Hell no, maybe God has no reasons for anything,much less tragedy. Maybe God created the universe and then just lets it roll on without regrard to supplicants supplications, for to do so would favor some or one human over another, throwing fairness and justice to the winds, letting the forces of physics and time to crush every human dream, to letting people die before their time and to have people weep for them.
Some people have no courage and need to believe in a benevolent deity to comfort them, a patriarchal pimp daddy to take care of them and smite/pimp slap their enemies: whomever they perceive them to be: Democrats, liberals, Russian commies, Chinese commies, Commie commies, and the entire female race who despise bloggers who write from their parents' basements and have lousy personal hygiene.
Lots of times people just feel the need to bend the universe to their will through prayer.
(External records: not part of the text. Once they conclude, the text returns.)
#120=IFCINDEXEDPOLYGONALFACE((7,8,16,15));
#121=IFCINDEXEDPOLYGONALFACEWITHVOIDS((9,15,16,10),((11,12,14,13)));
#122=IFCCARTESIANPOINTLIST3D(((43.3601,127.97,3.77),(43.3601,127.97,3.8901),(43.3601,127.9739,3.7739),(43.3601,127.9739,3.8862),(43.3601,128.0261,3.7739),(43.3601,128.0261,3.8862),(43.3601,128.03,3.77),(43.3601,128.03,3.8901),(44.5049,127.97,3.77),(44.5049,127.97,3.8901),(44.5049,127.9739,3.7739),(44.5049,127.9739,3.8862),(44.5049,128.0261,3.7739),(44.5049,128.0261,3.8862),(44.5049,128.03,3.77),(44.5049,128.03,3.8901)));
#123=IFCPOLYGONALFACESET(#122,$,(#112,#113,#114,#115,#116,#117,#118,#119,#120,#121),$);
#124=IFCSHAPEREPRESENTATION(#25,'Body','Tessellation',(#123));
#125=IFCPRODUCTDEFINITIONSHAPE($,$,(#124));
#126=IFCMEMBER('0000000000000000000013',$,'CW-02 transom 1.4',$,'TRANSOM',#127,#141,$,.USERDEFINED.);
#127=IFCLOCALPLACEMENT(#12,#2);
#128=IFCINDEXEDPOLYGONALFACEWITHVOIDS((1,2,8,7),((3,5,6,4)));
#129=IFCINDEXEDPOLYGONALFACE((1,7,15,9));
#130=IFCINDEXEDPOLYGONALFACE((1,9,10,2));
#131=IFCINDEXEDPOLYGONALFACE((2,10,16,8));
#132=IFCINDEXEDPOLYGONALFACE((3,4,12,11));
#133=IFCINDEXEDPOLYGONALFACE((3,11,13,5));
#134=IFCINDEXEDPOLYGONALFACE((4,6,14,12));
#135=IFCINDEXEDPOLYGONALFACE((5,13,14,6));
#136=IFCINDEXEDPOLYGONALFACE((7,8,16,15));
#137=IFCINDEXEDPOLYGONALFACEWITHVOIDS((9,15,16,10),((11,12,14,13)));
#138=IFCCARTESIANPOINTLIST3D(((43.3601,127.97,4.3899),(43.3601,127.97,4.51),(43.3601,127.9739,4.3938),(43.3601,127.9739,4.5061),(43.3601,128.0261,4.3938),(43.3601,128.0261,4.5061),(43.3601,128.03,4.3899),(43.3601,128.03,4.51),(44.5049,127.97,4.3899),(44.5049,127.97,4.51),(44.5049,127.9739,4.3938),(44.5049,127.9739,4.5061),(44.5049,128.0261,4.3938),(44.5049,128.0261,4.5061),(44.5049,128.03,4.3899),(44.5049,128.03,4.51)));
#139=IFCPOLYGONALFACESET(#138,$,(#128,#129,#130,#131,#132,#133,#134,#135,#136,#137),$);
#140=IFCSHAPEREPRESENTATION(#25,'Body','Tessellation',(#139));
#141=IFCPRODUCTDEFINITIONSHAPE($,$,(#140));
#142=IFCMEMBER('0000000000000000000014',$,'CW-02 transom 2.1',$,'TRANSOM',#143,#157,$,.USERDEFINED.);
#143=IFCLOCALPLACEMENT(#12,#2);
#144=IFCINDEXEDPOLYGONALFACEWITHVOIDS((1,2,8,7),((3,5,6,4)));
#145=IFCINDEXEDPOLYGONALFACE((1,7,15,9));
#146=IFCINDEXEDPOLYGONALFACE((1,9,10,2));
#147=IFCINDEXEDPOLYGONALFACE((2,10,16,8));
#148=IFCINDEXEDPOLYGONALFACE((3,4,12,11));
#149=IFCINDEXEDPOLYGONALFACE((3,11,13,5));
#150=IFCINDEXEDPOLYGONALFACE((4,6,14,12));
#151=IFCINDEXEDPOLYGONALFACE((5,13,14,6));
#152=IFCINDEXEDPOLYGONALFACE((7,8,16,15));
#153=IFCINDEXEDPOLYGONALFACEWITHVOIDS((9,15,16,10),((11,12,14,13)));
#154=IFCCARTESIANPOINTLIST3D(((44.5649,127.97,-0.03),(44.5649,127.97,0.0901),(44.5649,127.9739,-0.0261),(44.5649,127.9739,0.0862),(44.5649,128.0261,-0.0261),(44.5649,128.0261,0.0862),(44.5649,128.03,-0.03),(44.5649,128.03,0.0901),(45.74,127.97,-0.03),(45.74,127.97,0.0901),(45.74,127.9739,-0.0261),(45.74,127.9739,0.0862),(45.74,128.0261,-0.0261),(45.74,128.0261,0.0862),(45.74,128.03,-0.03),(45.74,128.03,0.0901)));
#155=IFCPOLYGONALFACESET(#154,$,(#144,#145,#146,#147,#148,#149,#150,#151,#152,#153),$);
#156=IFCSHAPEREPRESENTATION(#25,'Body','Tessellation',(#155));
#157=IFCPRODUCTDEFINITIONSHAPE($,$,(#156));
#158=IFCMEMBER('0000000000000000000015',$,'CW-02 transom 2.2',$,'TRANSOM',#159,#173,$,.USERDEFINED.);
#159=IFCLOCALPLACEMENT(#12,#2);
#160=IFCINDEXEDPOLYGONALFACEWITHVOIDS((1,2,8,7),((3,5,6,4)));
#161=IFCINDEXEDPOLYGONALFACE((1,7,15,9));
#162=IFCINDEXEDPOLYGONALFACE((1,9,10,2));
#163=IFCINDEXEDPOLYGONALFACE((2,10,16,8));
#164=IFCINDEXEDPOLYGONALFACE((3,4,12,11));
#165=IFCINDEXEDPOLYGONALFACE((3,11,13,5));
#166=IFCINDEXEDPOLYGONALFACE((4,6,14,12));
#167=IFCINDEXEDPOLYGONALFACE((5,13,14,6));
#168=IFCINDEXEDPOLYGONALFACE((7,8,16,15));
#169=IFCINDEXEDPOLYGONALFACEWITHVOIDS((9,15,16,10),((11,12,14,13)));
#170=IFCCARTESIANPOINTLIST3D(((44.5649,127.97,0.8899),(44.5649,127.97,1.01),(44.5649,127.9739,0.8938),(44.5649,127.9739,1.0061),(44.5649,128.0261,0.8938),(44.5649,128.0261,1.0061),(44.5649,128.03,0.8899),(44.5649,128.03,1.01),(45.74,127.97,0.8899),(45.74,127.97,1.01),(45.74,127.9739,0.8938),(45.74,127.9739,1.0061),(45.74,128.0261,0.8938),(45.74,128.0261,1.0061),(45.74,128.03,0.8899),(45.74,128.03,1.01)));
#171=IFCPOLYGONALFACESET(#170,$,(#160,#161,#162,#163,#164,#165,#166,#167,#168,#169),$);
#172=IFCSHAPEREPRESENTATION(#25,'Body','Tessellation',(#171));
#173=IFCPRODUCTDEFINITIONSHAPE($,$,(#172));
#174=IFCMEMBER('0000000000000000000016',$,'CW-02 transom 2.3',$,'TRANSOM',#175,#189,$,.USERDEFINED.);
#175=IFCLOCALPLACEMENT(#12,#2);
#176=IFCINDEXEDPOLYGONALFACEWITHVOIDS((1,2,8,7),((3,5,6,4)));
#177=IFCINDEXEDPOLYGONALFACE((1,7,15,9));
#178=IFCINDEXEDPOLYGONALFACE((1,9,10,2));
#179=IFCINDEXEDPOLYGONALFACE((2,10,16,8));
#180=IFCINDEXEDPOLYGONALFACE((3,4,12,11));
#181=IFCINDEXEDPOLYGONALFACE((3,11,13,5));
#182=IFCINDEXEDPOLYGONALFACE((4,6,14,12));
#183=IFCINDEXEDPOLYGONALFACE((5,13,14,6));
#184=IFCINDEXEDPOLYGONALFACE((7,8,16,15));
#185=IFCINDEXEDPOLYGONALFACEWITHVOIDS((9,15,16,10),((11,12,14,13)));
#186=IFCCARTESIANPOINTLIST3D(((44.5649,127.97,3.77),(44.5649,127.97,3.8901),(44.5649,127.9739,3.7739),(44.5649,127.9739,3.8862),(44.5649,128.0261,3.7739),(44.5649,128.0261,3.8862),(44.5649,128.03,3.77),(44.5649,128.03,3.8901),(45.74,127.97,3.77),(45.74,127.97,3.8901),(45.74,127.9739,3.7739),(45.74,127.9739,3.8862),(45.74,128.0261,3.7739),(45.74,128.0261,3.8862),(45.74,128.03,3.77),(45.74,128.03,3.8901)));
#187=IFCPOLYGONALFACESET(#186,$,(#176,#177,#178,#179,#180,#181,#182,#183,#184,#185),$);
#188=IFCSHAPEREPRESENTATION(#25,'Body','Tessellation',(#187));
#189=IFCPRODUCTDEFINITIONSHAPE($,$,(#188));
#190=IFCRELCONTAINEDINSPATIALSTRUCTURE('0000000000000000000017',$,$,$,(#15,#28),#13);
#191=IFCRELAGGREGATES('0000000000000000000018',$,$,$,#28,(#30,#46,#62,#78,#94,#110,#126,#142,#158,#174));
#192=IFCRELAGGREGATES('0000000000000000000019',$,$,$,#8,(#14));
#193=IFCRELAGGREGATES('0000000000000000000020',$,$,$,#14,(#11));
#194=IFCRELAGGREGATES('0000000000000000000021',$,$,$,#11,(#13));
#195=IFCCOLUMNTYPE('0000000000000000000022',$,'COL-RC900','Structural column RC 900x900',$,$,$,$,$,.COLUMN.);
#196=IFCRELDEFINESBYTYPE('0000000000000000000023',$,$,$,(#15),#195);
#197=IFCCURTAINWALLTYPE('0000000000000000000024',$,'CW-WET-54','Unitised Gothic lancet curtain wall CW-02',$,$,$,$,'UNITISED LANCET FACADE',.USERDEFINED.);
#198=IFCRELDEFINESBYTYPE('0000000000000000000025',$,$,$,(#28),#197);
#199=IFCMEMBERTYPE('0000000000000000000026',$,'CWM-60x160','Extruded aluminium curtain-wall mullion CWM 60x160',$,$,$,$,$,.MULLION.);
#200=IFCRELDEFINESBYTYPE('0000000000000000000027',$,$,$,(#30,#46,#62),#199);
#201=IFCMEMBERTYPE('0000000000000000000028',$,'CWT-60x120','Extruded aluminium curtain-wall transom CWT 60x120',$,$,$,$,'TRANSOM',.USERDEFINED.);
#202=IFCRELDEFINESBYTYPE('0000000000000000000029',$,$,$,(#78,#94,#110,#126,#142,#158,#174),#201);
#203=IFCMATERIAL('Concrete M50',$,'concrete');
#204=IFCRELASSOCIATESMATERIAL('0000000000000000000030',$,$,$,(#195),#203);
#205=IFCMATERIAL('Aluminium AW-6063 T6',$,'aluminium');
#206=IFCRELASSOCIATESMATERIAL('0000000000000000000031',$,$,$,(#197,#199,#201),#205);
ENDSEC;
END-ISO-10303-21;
Nevertheless, you can't tell that to a parent with a dying child.
So now what do I do now that my heroic quest after my cervical fracture to stay of a wheelchair has ended with me in a wheelxhair? Guess I just got to keep rolling on, try to see what happens next, with clear ryes neither waitinf nor hoping for a benevolent deity to roll the dice in my favor.
But Jesus, this makes the second time I have to recover from this shit.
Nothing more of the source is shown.